DIMM Replacement

DIMM Replacement Overview

This is a high-level overview of the procedure to replace a dual inline memory module (DIMM) on the DGX A100 system.

  1. Use the nvsm health commands to identify the failed DIMM

  2. Get a replacement DIMM from NVIDIA Enterprise Support.

  3. Shut down the system.

  4. Label all motherboard tray cables and unplug them.

  5. Remove the motherboard tray and place on a solid flat surface.

  6. Remove the motherboard tray lid.

  7. Use the reference diagram on the lid of the motherboard tray to identify the failed DIMM.

  8. Replace the bad DIMM with the new one.

  9. Close the lid on the motherboard tray.

  10. Insert the motherboard tray into the system.

  11. Plug in all cables using the labels as a reference.

  12. Power on the system.

  13. Verify that all DIMMs are now healthy with nvsm.

Identifying the Failed DIMM

  1. From the console, run the following nvsm command to identify memory alerts.

    $ sudo nvsm show /systems/localhost/memory/alerts
    

    Alerts will appear under the Target section. For example.

    Targets:
              alert0
    
  2. Get specific information about the memory alert.

    The following example obtains information for alert0.

    $ sudo nvsm show /systems/localhost/memory/alerts/alert0
    

    Inspect the component_id = line to determine the DIMM ID. The following example shows a DIMM ID of A1.

    Properties:
    system_name = ....
    component_id = CPU1_DIMM_A1
    ...
    

    The output provides other information about the alert that can be provided to NVIDIA Enterprise Support.

  3. Determine the DIMM manufacturer.

    $ sudo nvsm show memory
    
  4. Request the replacement DIMM from NVIDIA Enterprise Support, specifying the manufacturer.

Replacing the DIMM

Before attempting to replace any of the dual inline memory modules (DIMMs), be sure to have performed the following:

  • Determined the location ID of the faulty DIMM needing replacement as explained in:ref:identifying-failed-dimm. The location ID is an alphanumeric designator, such as A0, A1, B0, B1, etc.

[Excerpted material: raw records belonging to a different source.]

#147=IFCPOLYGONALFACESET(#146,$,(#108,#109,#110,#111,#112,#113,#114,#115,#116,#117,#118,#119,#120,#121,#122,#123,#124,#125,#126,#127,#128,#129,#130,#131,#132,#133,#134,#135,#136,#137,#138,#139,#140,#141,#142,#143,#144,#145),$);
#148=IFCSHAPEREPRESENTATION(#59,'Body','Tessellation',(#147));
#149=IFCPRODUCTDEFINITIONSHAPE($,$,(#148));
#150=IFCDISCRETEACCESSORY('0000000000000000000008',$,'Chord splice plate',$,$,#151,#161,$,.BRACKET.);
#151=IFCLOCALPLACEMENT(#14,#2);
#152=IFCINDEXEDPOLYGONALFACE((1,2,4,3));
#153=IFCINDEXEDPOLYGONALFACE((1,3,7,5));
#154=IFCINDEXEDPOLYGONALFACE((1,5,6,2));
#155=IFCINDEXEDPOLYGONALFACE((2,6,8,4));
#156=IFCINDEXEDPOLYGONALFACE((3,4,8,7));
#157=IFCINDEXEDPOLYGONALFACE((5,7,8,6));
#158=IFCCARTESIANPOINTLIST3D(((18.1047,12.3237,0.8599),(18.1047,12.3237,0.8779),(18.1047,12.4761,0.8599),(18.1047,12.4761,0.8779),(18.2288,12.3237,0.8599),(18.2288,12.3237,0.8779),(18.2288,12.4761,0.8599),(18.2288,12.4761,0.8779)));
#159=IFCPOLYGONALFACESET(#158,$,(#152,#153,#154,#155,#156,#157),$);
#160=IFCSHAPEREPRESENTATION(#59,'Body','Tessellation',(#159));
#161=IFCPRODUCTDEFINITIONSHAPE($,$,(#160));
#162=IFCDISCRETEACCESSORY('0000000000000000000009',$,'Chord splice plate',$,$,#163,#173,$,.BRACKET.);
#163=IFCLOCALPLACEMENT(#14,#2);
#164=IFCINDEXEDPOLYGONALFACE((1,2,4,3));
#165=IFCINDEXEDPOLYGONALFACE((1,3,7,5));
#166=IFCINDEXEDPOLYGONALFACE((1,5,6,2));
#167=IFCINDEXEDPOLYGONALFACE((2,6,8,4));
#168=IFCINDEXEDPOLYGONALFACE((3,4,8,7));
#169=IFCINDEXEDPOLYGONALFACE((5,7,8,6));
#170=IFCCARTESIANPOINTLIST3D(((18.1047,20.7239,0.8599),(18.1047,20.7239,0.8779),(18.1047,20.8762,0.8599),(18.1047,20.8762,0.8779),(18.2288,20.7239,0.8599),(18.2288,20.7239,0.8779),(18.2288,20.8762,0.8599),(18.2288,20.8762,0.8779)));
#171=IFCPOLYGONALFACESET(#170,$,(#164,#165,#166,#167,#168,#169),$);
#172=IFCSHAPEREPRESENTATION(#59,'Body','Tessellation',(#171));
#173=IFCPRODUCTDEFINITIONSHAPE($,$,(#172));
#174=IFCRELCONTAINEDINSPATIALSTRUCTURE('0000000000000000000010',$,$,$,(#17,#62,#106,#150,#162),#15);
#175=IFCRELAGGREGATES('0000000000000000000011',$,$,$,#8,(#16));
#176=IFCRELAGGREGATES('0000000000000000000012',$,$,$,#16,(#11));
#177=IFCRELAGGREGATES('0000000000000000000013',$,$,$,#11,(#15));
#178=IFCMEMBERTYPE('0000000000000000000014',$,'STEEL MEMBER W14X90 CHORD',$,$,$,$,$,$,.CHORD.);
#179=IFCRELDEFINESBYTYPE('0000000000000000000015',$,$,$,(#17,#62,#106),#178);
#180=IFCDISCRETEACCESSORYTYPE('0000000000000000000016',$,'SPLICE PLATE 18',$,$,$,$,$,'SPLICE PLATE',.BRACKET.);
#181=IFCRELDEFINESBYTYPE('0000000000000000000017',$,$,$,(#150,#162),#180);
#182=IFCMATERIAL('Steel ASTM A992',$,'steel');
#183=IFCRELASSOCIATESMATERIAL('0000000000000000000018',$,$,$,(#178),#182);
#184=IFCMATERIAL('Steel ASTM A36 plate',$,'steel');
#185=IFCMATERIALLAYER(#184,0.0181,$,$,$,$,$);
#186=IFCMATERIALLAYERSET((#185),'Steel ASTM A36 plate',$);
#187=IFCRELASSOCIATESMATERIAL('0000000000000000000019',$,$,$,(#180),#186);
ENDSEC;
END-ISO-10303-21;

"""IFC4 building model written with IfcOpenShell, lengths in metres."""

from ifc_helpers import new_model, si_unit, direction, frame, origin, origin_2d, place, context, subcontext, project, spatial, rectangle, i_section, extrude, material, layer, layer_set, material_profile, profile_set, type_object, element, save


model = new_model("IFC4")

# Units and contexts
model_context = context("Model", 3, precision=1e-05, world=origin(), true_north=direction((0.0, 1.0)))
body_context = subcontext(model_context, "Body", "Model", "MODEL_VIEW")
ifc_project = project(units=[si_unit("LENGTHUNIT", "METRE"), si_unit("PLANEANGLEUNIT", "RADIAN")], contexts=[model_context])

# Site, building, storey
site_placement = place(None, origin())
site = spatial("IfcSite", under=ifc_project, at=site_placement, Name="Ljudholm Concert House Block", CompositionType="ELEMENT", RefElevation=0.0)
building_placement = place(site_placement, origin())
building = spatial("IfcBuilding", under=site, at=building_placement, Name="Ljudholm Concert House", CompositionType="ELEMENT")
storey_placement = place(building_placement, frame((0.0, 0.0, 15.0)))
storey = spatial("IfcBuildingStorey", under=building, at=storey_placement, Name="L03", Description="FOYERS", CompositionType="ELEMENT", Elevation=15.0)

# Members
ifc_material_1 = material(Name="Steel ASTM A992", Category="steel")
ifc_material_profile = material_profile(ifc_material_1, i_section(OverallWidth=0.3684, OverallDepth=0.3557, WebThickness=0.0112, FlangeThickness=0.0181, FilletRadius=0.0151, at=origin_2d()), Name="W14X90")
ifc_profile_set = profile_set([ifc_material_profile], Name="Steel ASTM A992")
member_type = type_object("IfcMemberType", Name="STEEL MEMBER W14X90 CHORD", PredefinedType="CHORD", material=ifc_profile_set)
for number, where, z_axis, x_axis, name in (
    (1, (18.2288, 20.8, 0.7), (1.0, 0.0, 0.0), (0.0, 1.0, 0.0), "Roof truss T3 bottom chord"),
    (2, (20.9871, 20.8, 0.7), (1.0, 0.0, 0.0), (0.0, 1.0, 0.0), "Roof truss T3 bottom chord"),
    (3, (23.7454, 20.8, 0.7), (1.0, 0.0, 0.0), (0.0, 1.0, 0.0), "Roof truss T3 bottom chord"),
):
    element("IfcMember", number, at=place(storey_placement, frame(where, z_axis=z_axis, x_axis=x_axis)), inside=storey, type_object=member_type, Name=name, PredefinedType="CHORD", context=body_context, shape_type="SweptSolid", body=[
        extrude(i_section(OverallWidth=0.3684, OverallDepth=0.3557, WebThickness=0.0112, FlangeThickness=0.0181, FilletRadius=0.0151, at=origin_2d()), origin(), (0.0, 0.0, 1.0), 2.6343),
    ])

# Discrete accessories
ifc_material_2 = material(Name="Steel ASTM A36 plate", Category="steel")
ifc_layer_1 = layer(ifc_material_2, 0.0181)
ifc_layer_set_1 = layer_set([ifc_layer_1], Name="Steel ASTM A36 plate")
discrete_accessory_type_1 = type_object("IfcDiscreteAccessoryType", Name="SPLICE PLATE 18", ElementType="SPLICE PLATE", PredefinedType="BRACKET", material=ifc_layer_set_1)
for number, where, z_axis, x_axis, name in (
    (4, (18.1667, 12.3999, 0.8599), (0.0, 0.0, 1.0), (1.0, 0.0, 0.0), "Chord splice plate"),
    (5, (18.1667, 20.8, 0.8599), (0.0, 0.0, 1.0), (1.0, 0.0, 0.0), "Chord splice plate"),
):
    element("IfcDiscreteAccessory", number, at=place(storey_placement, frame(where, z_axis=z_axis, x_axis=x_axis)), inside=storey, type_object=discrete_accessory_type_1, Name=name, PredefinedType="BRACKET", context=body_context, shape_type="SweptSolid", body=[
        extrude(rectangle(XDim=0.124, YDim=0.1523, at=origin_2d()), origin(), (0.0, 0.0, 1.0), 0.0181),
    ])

  • Obtained the replacement DIMM and have saved the packaging for use when returning the faulty DIMM.

Caution

Static Sensitive Devices: - Be sure to observe best practices for electrostatic discharge (ESD) protection. This includes making sure personnel and equipment are connected to a common ground, such as by wearing a wrist strap connected to the chassis ground, and placing components on static-free work surfaces.

  1. Power down the system.

  2. Label all cables connected to the motherboard tray for easy identification when reconnecting.

  3. Remove the motherboard tray.

    Refer to the instructions in the section Removing the Motherboard Tray.

  4. Using the diagram label on the lid as a guide, locate the faulty DIMM to be replaced.

    _images/mb-tray-lid-label-dimms.png
  5. Remove the DIMM.

    1. Press down on the side latches at both ends of the DIMM socket to push them away from the DIMM. This should unseat the DIMM from the socket.

      _images/dimm-remove.png
    2. Pull the DIMM straight up to remove it from the socket.

      _images/dimm-install.png
  6. Carefully insert the replacement DIMM.

    1. Make sure the socket latches are open.

    2. Position the DIMM over the socket, making sure that the notch on the DIMM lines up with the key in the slot, then press the DIMM down into the socket until the side latches click in place.

    3. Make sure that the latches are up and locked in place.

    _images/dimm-install.png
  7. Install the three air baffles, replace the motherboard tray lid and then install the motherboard tray.

    Refer to the instructions in the section Reinstalling the Motherboard Tray.

  8. Connect all the cables to the motherboard tray.

  9. Install all the power cords.

  10. Power on the system and log in.

  11. Confirm that the system is healthy.

    $ sudo nvsm show health
    $ sudo nvsm show /systems/localhost/memory/alerts
    

    There should be no new alerts listed.

  12. Ship the bad DIMM back to NVIDIA Enterprise Support.